Telomere biology disorders (TBDs) are a heterogeneous group of diseases caused by mutations in telomere maintenance genes, with pathogenic germline mutations in at least 15 genes identified to date (Niewish et al., 2022). The TERF1 interacting nuclear factor 2 (TINF2) gene (14q12) has been identified as the underlying genetic cause of TBDs with autosomal dominant inheritance. The encoded product TIN2 protein, is a core component of the multi-protein shelterin complex, which protects telomeres (Tomita and Collopy, 2019). TIN2 serves as a hub to bridge various telosome components by directly binding to TRF1 (TERF1), TRF2, and TPP1/POT1 heterodimer. The shelterin complex serves as a platform for recruiting components from several pathways to maintain and protect telomeres (Grill and Nandakumar, 2021).
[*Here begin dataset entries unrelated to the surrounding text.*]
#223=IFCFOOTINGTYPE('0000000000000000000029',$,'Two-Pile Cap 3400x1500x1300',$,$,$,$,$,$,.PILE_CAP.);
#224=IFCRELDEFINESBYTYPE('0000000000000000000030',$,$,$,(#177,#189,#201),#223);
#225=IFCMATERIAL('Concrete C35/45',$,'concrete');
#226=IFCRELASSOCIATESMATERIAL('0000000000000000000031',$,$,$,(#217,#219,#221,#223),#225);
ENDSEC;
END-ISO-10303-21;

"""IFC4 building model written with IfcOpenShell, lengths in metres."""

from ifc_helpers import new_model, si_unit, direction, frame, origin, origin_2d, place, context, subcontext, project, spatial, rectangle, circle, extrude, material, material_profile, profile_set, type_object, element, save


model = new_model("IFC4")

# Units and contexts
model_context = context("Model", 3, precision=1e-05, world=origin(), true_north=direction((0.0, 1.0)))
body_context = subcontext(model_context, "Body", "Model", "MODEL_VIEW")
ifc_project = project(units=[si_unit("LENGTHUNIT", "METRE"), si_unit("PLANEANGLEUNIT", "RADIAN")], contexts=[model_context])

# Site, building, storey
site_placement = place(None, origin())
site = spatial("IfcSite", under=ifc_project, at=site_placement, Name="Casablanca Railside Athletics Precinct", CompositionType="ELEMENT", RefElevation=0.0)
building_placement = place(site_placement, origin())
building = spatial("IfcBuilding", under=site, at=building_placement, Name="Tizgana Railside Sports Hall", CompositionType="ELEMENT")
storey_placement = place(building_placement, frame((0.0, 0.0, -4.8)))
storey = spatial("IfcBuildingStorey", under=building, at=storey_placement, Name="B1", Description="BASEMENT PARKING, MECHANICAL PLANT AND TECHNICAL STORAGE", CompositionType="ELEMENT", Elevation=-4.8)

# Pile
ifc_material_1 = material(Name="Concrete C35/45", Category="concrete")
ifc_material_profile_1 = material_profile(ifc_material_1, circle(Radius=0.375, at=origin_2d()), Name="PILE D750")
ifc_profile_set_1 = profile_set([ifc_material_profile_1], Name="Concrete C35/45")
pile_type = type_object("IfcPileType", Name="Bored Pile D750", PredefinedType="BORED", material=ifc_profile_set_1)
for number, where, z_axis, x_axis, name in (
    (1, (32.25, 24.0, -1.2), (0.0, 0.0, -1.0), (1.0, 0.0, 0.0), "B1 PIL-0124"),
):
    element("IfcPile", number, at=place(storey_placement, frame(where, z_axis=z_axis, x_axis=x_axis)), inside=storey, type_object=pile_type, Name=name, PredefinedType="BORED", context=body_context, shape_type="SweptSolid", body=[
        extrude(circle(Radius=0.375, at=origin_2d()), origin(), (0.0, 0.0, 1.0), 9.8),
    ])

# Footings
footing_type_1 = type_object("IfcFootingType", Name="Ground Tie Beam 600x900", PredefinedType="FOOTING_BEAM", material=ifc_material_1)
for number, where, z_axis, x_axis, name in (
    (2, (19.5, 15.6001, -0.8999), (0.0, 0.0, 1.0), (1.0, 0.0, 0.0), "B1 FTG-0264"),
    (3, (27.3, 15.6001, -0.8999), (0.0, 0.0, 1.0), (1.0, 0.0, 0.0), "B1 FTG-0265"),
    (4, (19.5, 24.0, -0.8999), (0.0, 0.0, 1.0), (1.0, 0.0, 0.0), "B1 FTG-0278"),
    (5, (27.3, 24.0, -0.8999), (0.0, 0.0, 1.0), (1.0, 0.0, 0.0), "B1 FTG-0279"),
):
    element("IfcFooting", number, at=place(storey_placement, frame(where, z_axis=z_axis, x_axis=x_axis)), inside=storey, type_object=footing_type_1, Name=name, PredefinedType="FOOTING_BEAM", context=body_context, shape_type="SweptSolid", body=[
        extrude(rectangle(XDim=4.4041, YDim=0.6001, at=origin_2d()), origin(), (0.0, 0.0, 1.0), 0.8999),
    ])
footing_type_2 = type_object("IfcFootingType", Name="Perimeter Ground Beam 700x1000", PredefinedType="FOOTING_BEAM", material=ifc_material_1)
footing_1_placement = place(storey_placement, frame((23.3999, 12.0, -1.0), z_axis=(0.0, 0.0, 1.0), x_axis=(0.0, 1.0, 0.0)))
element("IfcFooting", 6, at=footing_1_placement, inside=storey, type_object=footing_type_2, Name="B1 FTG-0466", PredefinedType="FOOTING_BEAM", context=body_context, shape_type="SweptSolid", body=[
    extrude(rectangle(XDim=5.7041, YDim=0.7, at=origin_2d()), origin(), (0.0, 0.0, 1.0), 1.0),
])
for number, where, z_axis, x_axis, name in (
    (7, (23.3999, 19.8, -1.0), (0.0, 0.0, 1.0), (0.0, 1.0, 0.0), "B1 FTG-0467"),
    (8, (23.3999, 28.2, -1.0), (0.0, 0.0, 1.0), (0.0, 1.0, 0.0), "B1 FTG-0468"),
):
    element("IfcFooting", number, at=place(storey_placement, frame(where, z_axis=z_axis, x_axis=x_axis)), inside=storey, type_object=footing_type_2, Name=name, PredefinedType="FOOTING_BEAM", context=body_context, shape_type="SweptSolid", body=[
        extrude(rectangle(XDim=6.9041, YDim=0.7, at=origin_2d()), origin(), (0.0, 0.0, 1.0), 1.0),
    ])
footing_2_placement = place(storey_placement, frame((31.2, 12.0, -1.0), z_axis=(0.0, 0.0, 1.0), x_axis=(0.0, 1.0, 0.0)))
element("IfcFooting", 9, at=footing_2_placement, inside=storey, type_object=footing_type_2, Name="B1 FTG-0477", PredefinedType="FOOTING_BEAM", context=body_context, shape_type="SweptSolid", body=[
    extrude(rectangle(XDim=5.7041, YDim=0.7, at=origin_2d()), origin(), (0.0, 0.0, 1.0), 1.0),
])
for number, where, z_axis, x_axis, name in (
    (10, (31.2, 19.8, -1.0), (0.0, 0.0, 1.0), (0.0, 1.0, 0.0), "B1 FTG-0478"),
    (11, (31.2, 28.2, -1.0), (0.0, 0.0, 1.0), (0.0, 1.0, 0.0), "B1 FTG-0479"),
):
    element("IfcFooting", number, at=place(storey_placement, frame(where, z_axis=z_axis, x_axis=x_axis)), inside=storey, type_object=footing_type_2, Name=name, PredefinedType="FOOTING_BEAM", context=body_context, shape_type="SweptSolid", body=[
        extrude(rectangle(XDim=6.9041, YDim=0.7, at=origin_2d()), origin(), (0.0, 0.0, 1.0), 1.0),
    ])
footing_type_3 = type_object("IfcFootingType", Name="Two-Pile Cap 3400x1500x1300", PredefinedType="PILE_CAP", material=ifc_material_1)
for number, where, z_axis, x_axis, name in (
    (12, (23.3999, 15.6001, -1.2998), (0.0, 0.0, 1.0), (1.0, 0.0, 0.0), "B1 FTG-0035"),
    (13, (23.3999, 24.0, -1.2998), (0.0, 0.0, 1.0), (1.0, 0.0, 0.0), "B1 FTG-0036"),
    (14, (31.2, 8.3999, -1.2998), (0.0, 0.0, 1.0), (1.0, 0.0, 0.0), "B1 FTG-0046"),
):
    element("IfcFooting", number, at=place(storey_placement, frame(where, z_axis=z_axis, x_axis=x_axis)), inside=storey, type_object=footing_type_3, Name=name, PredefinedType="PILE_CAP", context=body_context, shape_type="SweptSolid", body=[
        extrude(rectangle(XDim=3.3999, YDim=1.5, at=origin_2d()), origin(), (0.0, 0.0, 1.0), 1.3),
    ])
TBDs caused by TINF2 mutations clinically present with a spectrum of phenotypes, from silent carriers to a set of overlapping conditions, such as dyskeratosis congenita (DC), Hoyeraal-Hreidarsson syndrome, Revesz syndrome. Incomplete penetrance results in widely varied manifestations, with just one-third of TINF2-mutated patients exhibiting typical DC manifestations (Cooper and Yong, 2017). Moreover, as a haploinsufficient tumor suppressor gene, mutations in TINF2 and other shelterin genes have been linked to increased cancer risk (Schmutz et al., 2020). Nevetheless, the exact incidence of cancers in patients with TINF2 mutations is unclear. To date, only a few clinical studies have specifically evaluated the association between cancer risk and specific germline mutations in patients with DC/TBDs and showed that about 1%–4% patients had an underlying TINF2 mutation (Vulliamy et al., 2011; Schratz et al, 2020; Niewisch et al, 2022).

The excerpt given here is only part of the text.